Через некоторое время сотрудники отдела начали говорить со мной сухо. Их вид выражал обиду. Отношения скоро совсем разладились. Работа страдает. Ничего не понимаю! Добился с трудом откровенного объяснения с каждым в отдельности. Потом со всем отделом.
«Выдали» мне мои товарищи по первое число. За персональный радиоприемник. За служебные записки, прикалываемые к бумагам. «Нельзя что ли на словах сказать?» За то, что встаю, когда входят сотрудницы, и приглашаю сесть. «Выходит, уж без твоего, виноват, без вашего разрешения и сесть нельзя у вас в кабинете?» За требование обращаться при посетителях друг к другу на «вы» и по именам-отчествам. «Зачем нам скрывать, что мы друзья?» За напоминания о сроках заданий. «Сами помним!»
Я пытался объяснить, почему веду себя так, как веду.
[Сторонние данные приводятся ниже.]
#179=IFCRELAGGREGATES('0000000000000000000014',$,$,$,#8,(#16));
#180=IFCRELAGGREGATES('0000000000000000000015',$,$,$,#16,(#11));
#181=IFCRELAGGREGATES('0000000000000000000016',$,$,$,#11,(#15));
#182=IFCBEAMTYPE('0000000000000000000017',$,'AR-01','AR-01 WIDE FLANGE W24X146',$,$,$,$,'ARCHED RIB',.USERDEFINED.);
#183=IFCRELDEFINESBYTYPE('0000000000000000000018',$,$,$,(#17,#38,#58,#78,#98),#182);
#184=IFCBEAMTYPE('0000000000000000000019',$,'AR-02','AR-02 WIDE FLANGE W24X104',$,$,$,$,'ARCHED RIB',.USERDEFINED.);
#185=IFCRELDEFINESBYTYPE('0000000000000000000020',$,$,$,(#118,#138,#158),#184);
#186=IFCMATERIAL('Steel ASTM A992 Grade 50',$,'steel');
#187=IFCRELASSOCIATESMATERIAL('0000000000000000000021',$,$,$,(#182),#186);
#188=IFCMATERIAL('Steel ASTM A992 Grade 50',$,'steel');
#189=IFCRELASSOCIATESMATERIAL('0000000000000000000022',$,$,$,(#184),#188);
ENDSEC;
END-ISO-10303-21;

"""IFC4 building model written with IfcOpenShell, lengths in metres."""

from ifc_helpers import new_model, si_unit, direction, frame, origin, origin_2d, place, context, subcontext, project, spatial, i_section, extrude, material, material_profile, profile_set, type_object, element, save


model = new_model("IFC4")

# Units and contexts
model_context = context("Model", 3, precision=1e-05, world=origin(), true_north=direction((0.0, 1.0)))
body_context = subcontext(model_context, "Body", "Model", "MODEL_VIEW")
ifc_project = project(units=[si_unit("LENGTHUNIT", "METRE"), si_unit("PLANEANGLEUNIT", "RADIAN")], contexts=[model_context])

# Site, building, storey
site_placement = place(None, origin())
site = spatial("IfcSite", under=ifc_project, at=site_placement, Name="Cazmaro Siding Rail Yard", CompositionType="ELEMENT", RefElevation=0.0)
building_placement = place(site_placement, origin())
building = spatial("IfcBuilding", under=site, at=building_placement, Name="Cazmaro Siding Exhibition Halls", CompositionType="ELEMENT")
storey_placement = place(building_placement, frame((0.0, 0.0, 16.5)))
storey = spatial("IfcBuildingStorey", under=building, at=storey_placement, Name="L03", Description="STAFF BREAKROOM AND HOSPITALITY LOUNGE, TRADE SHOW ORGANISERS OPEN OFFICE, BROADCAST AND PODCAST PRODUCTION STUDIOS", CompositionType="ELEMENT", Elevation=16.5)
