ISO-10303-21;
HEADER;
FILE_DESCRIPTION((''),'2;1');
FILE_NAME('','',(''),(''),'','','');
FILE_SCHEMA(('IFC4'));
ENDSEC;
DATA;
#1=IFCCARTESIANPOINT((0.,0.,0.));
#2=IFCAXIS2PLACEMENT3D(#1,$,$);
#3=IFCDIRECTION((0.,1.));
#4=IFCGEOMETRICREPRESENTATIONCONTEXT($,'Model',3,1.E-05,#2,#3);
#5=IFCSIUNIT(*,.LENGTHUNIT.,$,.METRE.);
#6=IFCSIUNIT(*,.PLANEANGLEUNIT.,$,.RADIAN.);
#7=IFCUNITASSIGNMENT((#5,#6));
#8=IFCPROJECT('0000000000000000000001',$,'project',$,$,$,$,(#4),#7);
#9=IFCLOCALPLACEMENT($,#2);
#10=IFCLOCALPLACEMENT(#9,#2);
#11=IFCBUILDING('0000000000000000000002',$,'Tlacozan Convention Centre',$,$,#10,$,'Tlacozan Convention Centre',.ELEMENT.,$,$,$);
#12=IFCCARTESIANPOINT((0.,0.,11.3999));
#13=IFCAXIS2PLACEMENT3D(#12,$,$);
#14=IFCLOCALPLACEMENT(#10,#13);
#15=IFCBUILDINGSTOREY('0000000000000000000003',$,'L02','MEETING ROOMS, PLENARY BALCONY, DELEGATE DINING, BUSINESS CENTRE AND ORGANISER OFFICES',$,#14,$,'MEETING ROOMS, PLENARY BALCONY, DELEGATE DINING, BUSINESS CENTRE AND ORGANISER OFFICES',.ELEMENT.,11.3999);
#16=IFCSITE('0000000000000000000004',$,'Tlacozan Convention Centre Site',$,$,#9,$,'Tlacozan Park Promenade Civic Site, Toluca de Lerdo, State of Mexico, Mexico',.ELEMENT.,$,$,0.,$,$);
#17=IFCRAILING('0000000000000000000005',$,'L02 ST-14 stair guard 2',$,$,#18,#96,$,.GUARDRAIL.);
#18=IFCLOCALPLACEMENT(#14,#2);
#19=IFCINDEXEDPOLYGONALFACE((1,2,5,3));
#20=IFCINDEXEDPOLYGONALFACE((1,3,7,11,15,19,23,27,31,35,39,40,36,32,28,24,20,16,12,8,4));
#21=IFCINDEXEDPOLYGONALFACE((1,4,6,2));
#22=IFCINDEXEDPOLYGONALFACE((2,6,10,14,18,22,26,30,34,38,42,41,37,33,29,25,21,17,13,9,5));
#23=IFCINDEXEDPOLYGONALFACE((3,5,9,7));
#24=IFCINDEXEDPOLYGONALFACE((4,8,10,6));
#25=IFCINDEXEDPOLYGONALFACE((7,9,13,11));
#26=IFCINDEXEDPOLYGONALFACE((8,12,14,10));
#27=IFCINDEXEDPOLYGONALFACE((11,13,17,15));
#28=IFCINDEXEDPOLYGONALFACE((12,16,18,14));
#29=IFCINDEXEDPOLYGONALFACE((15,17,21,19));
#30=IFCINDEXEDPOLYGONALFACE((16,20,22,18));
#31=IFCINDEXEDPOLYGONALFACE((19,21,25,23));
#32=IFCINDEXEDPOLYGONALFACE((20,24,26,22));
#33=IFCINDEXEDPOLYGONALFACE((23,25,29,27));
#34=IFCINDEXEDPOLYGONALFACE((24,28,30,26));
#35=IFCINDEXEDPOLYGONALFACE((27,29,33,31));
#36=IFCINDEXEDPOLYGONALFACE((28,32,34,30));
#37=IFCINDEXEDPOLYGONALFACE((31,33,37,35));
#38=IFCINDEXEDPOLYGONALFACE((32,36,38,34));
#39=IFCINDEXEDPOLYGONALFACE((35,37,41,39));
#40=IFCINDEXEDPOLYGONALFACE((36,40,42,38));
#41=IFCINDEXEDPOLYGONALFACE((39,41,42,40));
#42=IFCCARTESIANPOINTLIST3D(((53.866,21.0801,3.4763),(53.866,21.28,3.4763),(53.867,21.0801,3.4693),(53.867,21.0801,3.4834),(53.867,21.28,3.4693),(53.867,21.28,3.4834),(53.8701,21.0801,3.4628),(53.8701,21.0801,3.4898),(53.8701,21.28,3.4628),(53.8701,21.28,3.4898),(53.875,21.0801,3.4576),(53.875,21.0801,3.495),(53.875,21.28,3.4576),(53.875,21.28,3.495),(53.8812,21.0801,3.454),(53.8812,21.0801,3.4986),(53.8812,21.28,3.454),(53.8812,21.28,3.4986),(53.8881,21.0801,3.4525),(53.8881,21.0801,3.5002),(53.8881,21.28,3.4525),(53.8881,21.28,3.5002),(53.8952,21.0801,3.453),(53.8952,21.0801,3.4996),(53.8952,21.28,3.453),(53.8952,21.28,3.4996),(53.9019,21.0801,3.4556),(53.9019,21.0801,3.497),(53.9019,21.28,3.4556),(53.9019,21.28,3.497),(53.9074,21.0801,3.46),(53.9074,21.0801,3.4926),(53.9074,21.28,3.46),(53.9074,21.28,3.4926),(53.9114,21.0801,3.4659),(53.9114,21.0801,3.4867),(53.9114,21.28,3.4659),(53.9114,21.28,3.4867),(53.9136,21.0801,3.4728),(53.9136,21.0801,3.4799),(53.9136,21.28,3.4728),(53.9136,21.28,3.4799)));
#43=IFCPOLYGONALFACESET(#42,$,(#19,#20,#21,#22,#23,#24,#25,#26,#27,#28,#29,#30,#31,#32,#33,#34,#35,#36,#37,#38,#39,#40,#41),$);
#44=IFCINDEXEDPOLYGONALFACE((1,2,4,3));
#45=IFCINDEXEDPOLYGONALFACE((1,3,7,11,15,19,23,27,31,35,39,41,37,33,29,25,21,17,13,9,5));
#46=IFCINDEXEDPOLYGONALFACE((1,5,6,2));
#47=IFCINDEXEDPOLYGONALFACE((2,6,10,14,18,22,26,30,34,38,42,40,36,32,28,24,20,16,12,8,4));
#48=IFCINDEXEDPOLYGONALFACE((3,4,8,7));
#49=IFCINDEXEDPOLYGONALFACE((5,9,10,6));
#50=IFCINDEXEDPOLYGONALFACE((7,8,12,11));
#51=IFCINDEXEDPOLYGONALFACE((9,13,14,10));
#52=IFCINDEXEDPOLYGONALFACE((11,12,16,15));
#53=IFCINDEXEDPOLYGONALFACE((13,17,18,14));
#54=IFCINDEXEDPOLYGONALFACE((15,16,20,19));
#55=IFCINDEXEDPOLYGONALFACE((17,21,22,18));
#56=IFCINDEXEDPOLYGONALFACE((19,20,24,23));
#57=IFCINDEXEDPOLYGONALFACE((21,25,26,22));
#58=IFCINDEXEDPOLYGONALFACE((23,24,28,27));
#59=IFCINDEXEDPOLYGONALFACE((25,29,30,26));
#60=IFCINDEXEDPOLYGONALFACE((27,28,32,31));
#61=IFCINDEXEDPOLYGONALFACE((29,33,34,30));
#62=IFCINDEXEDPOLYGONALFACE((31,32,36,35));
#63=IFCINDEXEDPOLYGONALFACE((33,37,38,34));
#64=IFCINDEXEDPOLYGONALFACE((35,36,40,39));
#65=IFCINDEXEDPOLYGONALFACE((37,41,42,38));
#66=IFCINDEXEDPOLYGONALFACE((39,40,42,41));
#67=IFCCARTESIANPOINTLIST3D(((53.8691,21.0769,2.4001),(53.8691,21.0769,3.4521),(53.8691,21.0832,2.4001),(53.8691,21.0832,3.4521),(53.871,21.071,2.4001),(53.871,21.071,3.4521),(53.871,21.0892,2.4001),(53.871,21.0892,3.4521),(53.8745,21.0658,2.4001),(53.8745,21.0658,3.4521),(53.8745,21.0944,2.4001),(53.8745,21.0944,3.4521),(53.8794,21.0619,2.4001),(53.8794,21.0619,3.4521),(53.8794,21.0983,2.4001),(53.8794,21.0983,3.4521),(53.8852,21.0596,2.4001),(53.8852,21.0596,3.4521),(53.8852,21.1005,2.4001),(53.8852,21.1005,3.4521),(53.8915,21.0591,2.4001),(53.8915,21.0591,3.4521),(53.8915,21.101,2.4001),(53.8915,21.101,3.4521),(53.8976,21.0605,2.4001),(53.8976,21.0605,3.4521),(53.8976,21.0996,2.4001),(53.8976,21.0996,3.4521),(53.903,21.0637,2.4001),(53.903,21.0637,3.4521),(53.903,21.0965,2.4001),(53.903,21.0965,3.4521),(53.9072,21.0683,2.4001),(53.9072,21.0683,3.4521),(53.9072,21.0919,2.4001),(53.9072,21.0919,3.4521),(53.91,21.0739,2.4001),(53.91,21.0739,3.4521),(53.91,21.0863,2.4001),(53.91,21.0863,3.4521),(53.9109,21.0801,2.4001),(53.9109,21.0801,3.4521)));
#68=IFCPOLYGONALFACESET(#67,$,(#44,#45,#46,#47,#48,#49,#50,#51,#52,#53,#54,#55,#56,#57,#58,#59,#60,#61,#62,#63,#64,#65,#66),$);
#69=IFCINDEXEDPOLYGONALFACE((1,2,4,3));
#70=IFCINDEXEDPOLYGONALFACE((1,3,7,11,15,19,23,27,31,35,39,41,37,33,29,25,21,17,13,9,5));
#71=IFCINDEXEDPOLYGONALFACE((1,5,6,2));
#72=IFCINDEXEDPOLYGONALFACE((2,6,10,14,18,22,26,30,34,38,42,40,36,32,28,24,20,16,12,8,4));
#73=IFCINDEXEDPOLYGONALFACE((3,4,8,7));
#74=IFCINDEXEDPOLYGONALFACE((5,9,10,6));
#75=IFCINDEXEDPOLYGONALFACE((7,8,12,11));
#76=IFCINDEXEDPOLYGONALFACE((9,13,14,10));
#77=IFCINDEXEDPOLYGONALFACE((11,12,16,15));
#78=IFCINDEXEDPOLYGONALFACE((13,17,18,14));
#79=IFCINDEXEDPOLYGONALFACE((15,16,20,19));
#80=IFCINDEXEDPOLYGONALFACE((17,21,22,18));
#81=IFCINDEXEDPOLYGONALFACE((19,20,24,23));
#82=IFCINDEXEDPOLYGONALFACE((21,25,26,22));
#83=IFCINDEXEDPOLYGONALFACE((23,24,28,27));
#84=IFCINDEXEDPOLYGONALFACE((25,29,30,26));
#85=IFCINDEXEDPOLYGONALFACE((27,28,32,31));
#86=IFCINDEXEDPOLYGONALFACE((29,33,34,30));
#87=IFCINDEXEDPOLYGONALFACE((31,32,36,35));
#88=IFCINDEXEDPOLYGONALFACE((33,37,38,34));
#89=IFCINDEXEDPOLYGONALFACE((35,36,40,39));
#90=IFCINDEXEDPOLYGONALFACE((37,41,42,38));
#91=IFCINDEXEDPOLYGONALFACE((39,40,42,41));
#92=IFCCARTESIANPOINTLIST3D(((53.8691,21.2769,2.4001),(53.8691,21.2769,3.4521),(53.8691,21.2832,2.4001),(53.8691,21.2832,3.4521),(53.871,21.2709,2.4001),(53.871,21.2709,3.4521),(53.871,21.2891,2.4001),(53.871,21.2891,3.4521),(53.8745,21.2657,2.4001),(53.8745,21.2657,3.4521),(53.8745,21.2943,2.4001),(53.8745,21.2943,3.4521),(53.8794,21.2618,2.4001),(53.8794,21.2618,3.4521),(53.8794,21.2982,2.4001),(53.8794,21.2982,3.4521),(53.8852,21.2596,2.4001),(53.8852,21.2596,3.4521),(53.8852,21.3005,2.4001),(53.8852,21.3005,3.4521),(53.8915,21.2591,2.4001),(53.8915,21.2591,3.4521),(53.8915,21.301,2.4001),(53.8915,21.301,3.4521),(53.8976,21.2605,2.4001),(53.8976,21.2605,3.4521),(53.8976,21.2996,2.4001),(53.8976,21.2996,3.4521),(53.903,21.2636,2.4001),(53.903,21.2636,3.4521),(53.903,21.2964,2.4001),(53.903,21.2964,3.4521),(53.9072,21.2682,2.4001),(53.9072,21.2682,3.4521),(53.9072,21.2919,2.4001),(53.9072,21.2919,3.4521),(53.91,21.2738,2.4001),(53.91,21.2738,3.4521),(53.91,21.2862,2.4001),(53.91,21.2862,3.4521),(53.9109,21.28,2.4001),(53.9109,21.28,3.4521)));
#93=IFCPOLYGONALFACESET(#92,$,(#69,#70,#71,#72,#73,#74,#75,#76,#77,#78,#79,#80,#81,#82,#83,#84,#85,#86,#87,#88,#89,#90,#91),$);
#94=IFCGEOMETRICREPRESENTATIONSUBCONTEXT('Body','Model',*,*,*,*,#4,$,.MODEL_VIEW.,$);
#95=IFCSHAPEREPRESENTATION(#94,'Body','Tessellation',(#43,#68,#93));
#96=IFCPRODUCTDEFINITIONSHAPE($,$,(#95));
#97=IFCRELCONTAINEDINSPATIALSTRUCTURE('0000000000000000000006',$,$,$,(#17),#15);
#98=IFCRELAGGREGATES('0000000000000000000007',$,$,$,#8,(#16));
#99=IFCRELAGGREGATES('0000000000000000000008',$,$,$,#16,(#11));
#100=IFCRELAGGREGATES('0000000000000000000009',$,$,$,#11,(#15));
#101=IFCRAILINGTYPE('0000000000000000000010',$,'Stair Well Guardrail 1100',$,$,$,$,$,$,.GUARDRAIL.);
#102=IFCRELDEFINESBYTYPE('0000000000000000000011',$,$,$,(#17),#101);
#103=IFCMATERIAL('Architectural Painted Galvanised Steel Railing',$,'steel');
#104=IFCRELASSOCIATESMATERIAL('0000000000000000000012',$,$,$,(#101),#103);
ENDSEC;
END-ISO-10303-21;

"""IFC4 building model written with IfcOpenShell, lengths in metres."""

from ifc_helpers import new_model, si_unit, direction, frame, origin, origin_2d, place, context, subcontext, project, spatial, circle, extrude, material, type_object, element, save


model = new_model("IFC4")

# Units and contexts
model_context = context("Model", 3, precision=1e-05, world=origin(), true_north=direction((0.0, 1.0)))
body_context = subcontext(model_context, "Body", "Model", "MODEL_VIEW")
ifc_project = project(units=[si_unit("LENGTHUNIT", "METRE"), si_unit("PLANEANGLEUNIT", "RADIAN")], contexts=[model_context])

# Site, building, storey
site_placement = place(None, origin())
site = spatial("IfcSite", under=ifc_project, at=site_placement, Name="Tlacozan Convention Centre Site", LongName="Tlacozan Park Promenade Civic Site, Toluca de Lerdo, State of Mexico, Mexico", CompositionType="ELEMENT", RefElevation=0.0)
building_placement = place(site_placement, origin())
building = spatial("IfcBuilding", under=site, at=building_placement, Name="Tlacozan Convention Centre", LongName="Tlacozan Convention Centre", CompositionType="ELEMENT")
storey_placement = place(building_placement, frame((0.0, 0.0, 11.3999)))
storey = spatial("IfcBuildingStorey", under=building, at=storey_placement, Name="L02", Description="MEETING ROOMS, PLENARY BALCONY, DELEGATE DINING, BUSINESS CENTRE AND ORGANISER OFFICES", LongName="MEETING ROOMS, PLENARY BALCONY, DELEGATE DINING, BUSINESS CENTRE AND ORGANISER OFFICES", CompositionType="ELEMENT", Elevation=11.3999)

# Railing
ifc_material_1 = material(Name="Architectural Painted Galvanised Steel Railing", Category="steel")
railing_type_1 = type_object("IfcRailingType", Name="Stair Well Guardrail 1100", PredefinedType="GUARDRAIL", material=ifc_material_1)
railing_1_placement = place(storey_placement, frame((53.8899, 21.0801, 2.4001)))
element("IfcRailing", 1, at=railing_1_placement, inside=storey, type_object=railing_type_1, Name="L02 ST-14 stair guard 2", PredefinedType="GUARDRAIL", context=body_context, shape_type="SweptSolid", body=[
    extrude(circle(Radius=0.0239, at=origin_2d()), frame((0.0, 0.0, 1.0762), z_axis=(0.0, 1.0, 0.0), x_axis=(-1.0, 0.0, 0.0)), (0.0, 0.0, 1.0), 0.2),
    extrude(circle(Radius=0.021, at=origin_2d()), origin(), (0.0, 0.0, 1.0), 1.052),
    extrude(circle(Radius=0.021, at=origin_2d()), frame((0.0, 0.2, 0.0)), (0.0, 0.0, 1.0), 1.052),
])

save(model, "model.ifc")
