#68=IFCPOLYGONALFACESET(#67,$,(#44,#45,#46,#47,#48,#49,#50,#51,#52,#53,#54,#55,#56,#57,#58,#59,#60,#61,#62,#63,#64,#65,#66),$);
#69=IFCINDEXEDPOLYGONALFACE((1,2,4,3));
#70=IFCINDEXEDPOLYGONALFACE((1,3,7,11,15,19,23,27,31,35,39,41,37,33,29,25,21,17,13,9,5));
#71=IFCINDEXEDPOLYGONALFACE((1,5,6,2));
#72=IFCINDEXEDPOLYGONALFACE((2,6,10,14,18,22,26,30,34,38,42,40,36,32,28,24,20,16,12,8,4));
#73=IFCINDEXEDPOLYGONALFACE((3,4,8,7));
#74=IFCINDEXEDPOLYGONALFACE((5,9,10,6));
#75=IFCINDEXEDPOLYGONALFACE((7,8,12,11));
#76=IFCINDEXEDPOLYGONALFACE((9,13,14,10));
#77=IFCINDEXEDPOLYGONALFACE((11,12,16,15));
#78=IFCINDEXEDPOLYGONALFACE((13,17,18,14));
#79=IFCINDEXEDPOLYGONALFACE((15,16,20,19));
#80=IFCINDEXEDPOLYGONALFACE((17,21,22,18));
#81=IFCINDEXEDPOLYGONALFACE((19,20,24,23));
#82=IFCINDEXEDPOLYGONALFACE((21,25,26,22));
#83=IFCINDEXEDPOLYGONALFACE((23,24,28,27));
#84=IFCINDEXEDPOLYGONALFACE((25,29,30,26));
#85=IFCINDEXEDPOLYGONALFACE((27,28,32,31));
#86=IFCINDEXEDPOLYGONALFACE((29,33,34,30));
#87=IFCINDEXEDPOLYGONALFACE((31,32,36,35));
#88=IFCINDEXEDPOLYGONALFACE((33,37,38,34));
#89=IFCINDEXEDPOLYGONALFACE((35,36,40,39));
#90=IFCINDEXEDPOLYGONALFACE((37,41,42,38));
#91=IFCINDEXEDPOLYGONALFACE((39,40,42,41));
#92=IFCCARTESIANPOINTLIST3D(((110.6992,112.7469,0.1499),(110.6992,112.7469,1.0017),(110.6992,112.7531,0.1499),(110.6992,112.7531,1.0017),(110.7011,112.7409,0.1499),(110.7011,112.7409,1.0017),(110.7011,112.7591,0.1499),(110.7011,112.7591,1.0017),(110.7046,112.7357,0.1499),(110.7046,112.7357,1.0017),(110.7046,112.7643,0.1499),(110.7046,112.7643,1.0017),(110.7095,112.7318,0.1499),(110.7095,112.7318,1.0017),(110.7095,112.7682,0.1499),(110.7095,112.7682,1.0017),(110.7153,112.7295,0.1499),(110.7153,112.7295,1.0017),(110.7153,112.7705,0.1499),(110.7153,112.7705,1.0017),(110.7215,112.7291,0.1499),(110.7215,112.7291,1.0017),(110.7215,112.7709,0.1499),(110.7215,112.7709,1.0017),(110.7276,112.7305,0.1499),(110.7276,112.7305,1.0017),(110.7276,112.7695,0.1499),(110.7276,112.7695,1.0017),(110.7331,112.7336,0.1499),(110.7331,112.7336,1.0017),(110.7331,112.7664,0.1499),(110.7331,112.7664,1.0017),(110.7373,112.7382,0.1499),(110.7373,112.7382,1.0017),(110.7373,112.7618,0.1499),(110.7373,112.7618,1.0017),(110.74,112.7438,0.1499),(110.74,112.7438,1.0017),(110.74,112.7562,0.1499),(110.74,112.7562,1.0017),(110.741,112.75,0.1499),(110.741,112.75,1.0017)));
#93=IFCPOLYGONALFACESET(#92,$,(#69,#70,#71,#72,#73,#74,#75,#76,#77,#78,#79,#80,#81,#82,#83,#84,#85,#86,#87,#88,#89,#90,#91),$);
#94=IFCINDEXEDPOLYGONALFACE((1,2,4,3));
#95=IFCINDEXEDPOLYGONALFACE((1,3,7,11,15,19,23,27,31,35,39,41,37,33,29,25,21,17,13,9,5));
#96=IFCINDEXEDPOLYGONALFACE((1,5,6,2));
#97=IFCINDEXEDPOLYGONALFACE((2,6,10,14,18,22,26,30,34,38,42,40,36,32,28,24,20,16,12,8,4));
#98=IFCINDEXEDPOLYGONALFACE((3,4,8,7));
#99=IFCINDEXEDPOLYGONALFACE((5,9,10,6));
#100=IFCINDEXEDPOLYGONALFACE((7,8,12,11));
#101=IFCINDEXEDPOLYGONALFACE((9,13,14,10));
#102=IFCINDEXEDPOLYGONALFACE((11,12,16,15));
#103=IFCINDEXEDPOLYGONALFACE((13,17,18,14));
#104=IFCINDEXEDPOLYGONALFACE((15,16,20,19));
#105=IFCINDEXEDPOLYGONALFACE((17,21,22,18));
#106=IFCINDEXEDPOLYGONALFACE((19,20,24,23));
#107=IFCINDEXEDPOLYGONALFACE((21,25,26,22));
И в том не преуспел. Сотрудники остались при своей обиде. Я при своем убеждении: дружба дружбой, а служба службой! Четкие отношения по службе дружбе помешать не могут, а дружба не освобождает от служебной дисциплины и этикета… Задумываться над некоторыми нюансами и тонкостями не стал. А следовало. Не сразу понял: мне не хватило такта. И чувства юмора.
Приемник я, конечно, тут же из своего кабинета выдворил. Можно бы и раньше сообразить, что держать его в кабинете, где его слушать некогда, как атрибут должности, нелепо.
Теперь смешно вспомнить, каких огорчений мне все это стоило. Редакция работала допоздна. Возвращаясь домой ночью, я не мог уснуть, переживая разлад в отделе. А ведь были у меня тогда сложности посерьезней этих мелочей.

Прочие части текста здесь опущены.